最上階である四階に着くと天井は大きく穴が空いており、外の月明かりが射し込んでいた。
「ここで寝転んでみて空を見てください。ここは自然豊かで風が肌を撫でてくれて、よく見える星々と月がパワーを与えてくれますよ」
そんな事を雪が言うので俺は素直に従い、硬いコンクリートの床に寝転んでみる。
背中は痛いが仰向けになった眼中に広がる光景は思わず息を飲んでしまう。
時折吹く静かで暖かい風は自然を揺らし、雲一つない空は星々がその存在を誇示する様に光り輝いている。

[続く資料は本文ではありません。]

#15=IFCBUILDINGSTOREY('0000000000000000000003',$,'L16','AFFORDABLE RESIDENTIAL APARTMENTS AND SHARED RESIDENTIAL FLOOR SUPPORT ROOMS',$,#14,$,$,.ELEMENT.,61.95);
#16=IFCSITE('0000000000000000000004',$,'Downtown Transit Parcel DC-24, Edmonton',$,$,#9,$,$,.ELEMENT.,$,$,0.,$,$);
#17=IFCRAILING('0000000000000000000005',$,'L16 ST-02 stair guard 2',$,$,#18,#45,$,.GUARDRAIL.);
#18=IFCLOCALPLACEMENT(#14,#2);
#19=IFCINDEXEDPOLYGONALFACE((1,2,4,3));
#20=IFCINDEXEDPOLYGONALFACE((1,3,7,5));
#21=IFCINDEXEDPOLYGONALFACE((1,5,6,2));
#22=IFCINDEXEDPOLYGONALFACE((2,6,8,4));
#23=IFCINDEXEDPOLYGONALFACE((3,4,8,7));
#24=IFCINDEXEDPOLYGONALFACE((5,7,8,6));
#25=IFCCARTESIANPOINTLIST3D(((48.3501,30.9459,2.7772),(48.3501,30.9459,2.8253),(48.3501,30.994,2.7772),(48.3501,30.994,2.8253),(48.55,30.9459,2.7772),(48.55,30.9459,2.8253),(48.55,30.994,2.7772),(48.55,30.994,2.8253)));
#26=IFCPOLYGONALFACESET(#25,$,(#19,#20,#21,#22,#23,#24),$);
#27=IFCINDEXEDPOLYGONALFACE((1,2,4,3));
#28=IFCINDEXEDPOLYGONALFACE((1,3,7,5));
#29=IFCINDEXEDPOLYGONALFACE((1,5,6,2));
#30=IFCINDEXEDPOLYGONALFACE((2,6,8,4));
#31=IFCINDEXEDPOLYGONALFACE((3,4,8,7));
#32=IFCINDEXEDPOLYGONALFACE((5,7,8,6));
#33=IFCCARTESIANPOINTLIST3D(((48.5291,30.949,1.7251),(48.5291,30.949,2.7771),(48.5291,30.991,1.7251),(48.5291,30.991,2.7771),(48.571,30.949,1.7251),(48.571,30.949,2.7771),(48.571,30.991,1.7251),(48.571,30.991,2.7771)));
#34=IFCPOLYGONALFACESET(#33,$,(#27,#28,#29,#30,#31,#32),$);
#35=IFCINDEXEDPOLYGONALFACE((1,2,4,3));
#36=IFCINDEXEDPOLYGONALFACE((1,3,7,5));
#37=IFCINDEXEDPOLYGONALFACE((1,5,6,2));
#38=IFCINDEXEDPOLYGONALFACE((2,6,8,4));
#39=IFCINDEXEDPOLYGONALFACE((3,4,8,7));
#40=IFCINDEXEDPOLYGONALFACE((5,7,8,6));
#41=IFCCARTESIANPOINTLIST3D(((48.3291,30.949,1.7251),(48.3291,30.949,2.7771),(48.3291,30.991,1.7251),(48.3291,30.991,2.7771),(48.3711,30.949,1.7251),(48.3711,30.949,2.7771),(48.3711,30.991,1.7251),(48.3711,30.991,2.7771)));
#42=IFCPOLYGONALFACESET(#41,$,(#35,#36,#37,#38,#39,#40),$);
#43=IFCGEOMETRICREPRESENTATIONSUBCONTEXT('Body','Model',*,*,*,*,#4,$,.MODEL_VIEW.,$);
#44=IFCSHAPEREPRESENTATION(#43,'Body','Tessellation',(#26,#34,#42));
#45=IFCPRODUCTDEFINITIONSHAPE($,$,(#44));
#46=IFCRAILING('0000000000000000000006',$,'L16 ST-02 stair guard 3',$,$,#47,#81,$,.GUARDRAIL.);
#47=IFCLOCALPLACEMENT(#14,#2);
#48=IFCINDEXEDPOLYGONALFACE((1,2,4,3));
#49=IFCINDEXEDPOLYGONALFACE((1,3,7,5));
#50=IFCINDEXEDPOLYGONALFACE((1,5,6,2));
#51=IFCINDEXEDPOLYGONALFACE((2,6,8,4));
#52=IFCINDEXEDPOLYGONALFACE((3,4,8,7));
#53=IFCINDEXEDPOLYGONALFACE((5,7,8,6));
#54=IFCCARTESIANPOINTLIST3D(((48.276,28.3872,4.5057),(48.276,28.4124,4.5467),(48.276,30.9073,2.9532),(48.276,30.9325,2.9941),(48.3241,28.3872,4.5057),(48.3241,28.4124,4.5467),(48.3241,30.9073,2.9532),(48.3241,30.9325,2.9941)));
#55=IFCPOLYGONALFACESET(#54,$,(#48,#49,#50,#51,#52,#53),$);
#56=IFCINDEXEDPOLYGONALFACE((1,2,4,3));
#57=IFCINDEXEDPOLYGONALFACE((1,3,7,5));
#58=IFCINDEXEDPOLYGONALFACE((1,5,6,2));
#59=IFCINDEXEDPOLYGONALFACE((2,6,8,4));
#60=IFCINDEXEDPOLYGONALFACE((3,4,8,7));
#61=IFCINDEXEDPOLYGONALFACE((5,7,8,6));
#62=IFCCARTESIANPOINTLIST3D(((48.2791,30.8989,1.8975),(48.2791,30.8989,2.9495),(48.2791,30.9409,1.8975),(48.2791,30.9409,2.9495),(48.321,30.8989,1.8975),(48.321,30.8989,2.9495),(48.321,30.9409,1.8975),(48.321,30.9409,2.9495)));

満月はその中でも圧倒的な存在感で、俺に安らぎを与えた。
宇宙は広いのだと改めて実感すると、俺の悩みなんてちっぽけな事にすら思えてしまう。
──それくらい、この壮大な空には感化されるものがある。
「......なぁ、何でこんなところ知ってるんだ?」
少し元気を取り戻した俺はそんな些細な疑問を雪にぶつける。
こんな辺鄙な街に、田んぼの広がる中に廃墟ビル。
しかもその中の最上階に広がるこの光景を、雪は知っている。
普通に生きてきたのであれば、出会うはずも気づく筈もない場所。
「──逆に、何でだと思います?」
普段とは違う、少し大人気のある声色だった。
落ち着いていて、奥深いような。
「単純に、この近くに住んでいたとかか?」
「半分正解、という事にしておきます。私の事は今じゃなくていいので。それよりも今はお姉ちゃん、美咲の事です」
「ああ、確かにそうだな。美咲の件に関しては俺はどうしたらいいのかわからない。俺ですら精神的に来るものがあった」
「美咲はああ見えて繊細な人です。今回の様な事が起きてしまえば必ず心が折れる弱い人間なんです。......だから、無理強いはしたくないんですが、康太くんには美咲を助けて欲しいんです」
「助けるなんて大袈裟だな。......ま、今回の件は何とか弁解を試みてはみるが......。少し俺にも休息をくれないか」
ここ最近は衝撃的な出来事が多すぎて、俺の心が追いついていない感じがするのだ。
少し整理する時間が今は欲しい。
「休息は確かに大事ですね。......期待してますよ、康太くん。後はこの景色を私と同じように焼き付けましょう?」
少し、今まで見た雪とは違う気がした。